Healing Takes Time
Quite possibly the biggest struggle we twenty-first century westerners have with healing is that it’s not instantaneous. In our “gotta have it now” culture, we struggle with any process that cannot be speeded up. We have instant rice, potatoes, and coffee. In Vegas you can have an instant wedding. Depending on where you live, Amazon may be able to deliver your package within an hour. We are encouraged to pre-order, to use the app so we spend less time in line, to participate in grind culture by going and moving and not stopping to make things happen faster and sooner. Delayed gratification is not valued in our society. Waiting has gotten harder. We want it our way, now.
However, some processes cannot be speeded up. Some actions take just as much time as they did before the Industrial Revolution. One such affair is healing. Even while there are medicines and therapies that aid the healing process, and may shorten it, healing still takes time, and always will. Your body cannot heal itself instantaneously. You cannot mentally “get over” a traumatic event at the snap of your fingers. It still takes time to travel from point A to point B, whether you’re flying, driving, or healing. There will be moments in time you can pinpoint: here’s where I decided to get help, here’s an occurrence that felt like healing, here’s where I started taking antibiotics. Yet even then, you still need time to process those pinpoints, your body needs time to absorb the antibiotics into your bloodstream.

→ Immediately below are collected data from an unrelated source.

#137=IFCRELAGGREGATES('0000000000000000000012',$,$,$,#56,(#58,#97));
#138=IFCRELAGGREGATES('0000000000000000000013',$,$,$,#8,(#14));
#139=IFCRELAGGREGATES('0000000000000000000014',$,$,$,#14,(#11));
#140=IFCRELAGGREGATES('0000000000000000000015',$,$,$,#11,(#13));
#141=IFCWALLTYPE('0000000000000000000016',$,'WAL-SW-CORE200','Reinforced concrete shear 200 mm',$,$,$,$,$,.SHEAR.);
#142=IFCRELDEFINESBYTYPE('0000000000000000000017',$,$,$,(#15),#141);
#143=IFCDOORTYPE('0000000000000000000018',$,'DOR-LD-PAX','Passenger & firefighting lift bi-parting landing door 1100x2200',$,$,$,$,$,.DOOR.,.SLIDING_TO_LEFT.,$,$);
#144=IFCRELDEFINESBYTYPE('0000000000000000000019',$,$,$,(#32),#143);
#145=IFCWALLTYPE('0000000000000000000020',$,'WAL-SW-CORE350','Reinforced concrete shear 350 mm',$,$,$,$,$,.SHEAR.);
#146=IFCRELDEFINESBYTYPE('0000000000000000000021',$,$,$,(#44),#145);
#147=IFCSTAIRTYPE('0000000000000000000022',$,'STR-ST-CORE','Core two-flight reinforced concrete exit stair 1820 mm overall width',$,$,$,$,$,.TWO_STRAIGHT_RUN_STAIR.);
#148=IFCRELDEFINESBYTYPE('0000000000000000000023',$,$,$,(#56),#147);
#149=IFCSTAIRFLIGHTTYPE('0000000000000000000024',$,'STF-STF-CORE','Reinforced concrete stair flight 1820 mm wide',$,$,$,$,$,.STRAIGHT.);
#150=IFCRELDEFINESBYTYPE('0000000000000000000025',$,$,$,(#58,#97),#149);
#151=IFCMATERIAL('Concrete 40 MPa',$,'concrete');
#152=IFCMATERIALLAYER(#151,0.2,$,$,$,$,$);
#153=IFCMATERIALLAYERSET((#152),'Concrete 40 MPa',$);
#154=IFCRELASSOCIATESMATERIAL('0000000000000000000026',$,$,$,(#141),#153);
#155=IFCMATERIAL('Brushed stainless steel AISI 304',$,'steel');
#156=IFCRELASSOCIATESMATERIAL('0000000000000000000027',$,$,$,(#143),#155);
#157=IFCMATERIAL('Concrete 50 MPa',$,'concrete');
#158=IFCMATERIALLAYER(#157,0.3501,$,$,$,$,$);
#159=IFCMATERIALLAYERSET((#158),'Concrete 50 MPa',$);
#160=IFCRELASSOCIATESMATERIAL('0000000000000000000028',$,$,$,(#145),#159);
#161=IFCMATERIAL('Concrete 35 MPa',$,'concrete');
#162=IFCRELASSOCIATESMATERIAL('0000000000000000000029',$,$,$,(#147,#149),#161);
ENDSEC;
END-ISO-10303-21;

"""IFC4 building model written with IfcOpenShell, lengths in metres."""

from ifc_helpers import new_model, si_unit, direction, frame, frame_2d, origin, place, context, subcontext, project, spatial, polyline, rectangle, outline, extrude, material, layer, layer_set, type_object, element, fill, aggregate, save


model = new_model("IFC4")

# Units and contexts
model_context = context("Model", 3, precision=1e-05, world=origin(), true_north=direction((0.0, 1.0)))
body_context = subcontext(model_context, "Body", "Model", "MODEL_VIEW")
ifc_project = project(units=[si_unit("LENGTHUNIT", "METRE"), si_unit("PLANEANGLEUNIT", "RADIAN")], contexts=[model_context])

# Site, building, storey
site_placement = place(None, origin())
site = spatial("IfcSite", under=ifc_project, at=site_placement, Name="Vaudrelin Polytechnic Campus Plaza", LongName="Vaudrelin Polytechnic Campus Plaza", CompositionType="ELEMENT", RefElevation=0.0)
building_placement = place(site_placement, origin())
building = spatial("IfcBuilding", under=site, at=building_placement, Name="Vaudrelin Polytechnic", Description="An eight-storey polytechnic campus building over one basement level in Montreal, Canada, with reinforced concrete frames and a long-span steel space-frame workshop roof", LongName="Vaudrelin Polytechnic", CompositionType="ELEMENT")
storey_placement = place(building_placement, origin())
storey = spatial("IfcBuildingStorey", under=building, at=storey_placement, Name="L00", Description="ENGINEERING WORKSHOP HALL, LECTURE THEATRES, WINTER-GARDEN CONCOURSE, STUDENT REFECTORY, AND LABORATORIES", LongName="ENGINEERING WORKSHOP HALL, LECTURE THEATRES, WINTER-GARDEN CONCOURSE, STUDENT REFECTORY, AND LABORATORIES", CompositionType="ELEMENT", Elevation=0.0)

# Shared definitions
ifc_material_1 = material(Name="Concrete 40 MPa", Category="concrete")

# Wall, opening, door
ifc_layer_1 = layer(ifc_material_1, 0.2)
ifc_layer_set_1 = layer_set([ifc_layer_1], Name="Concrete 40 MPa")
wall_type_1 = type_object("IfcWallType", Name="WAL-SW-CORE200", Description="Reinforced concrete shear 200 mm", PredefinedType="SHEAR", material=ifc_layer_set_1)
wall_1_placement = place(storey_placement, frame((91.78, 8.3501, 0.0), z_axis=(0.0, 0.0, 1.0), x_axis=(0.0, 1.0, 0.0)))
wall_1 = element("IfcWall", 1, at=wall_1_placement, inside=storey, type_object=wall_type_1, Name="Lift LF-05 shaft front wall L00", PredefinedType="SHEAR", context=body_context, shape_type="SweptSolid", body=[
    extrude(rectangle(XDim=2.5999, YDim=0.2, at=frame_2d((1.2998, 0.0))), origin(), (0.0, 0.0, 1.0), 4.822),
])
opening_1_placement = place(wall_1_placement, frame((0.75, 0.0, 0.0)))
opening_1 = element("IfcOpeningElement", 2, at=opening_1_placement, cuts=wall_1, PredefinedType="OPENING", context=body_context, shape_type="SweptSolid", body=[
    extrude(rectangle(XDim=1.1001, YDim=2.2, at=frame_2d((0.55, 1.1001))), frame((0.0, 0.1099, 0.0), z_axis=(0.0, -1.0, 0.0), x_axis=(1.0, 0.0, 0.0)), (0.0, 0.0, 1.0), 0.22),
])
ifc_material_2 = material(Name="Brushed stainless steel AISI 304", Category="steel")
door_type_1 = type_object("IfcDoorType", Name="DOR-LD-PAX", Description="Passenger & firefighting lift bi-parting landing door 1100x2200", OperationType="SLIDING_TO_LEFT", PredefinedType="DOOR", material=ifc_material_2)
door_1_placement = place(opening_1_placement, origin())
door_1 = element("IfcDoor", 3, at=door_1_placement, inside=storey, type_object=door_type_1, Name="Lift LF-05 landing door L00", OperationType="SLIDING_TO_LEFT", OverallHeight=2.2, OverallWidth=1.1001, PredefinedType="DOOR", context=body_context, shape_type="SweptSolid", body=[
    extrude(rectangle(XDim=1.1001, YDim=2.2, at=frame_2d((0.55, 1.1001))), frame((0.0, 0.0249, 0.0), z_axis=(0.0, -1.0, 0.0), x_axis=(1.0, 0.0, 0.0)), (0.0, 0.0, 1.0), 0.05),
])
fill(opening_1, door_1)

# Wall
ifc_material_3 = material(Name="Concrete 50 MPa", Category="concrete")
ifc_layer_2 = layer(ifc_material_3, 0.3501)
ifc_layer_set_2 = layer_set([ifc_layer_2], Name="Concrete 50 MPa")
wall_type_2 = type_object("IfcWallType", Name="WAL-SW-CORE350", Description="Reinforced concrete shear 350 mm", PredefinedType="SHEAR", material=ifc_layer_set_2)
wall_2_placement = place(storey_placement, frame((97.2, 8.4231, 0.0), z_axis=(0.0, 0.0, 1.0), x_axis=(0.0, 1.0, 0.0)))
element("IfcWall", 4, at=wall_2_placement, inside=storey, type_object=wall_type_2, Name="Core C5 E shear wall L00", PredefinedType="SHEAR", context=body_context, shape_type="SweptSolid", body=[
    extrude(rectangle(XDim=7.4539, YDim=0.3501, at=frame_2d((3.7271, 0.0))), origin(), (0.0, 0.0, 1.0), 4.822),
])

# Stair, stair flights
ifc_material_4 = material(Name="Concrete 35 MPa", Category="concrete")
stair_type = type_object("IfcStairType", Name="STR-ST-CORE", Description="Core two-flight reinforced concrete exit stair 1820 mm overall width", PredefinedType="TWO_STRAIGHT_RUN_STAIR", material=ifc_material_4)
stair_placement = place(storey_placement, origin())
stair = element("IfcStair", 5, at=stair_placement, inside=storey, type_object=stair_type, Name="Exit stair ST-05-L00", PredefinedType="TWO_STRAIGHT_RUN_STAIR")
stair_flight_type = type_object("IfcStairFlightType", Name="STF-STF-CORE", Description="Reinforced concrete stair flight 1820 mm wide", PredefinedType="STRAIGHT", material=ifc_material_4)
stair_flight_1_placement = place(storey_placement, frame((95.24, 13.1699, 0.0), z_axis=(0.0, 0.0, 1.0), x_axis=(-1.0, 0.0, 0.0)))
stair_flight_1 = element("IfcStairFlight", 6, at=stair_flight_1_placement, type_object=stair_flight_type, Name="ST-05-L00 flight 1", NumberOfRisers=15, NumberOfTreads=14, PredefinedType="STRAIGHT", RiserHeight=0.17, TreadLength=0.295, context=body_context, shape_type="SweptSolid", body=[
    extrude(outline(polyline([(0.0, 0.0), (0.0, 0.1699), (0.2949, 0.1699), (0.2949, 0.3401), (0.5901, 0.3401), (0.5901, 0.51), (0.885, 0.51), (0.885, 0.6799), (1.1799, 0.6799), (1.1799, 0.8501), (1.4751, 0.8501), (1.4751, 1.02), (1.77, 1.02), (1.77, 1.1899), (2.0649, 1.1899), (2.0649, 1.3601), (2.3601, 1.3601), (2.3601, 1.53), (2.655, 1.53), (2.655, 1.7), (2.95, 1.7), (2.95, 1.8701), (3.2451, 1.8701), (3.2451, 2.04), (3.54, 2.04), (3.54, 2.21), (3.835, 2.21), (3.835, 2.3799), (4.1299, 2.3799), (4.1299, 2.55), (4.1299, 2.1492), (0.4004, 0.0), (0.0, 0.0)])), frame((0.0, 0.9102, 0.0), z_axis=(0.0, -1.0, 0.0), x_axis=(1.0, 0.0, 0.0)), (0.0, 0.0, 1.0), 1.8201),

Modern medicine is not magic. It cannot conjure healing out of thin air. Healing takes time. You have to rehabilitate your knee over a series of months. When you meet a physical therapist, it’s a minimum two-month relationship, plus homework. When you take antibiotics, it’s a minimum of a five-day course. When you meet with a counselor, you don’t often make progress until at least a couple months in, because it takes that long just for you to lay the groundwork. Rome wasn’t built in a day and you cannot heal in a day. You can make progress. With an open ear, you can hear something differently for the first time. You can be kind to your body for a day, drink enough water, get enough rest. Turning that one day into a series of days is what will bring about healing. It takes time. It takes work. Be patient. Be gentle with your self. Do the big and little things, the external and the internal activities, to bring about your wellness, because they add up.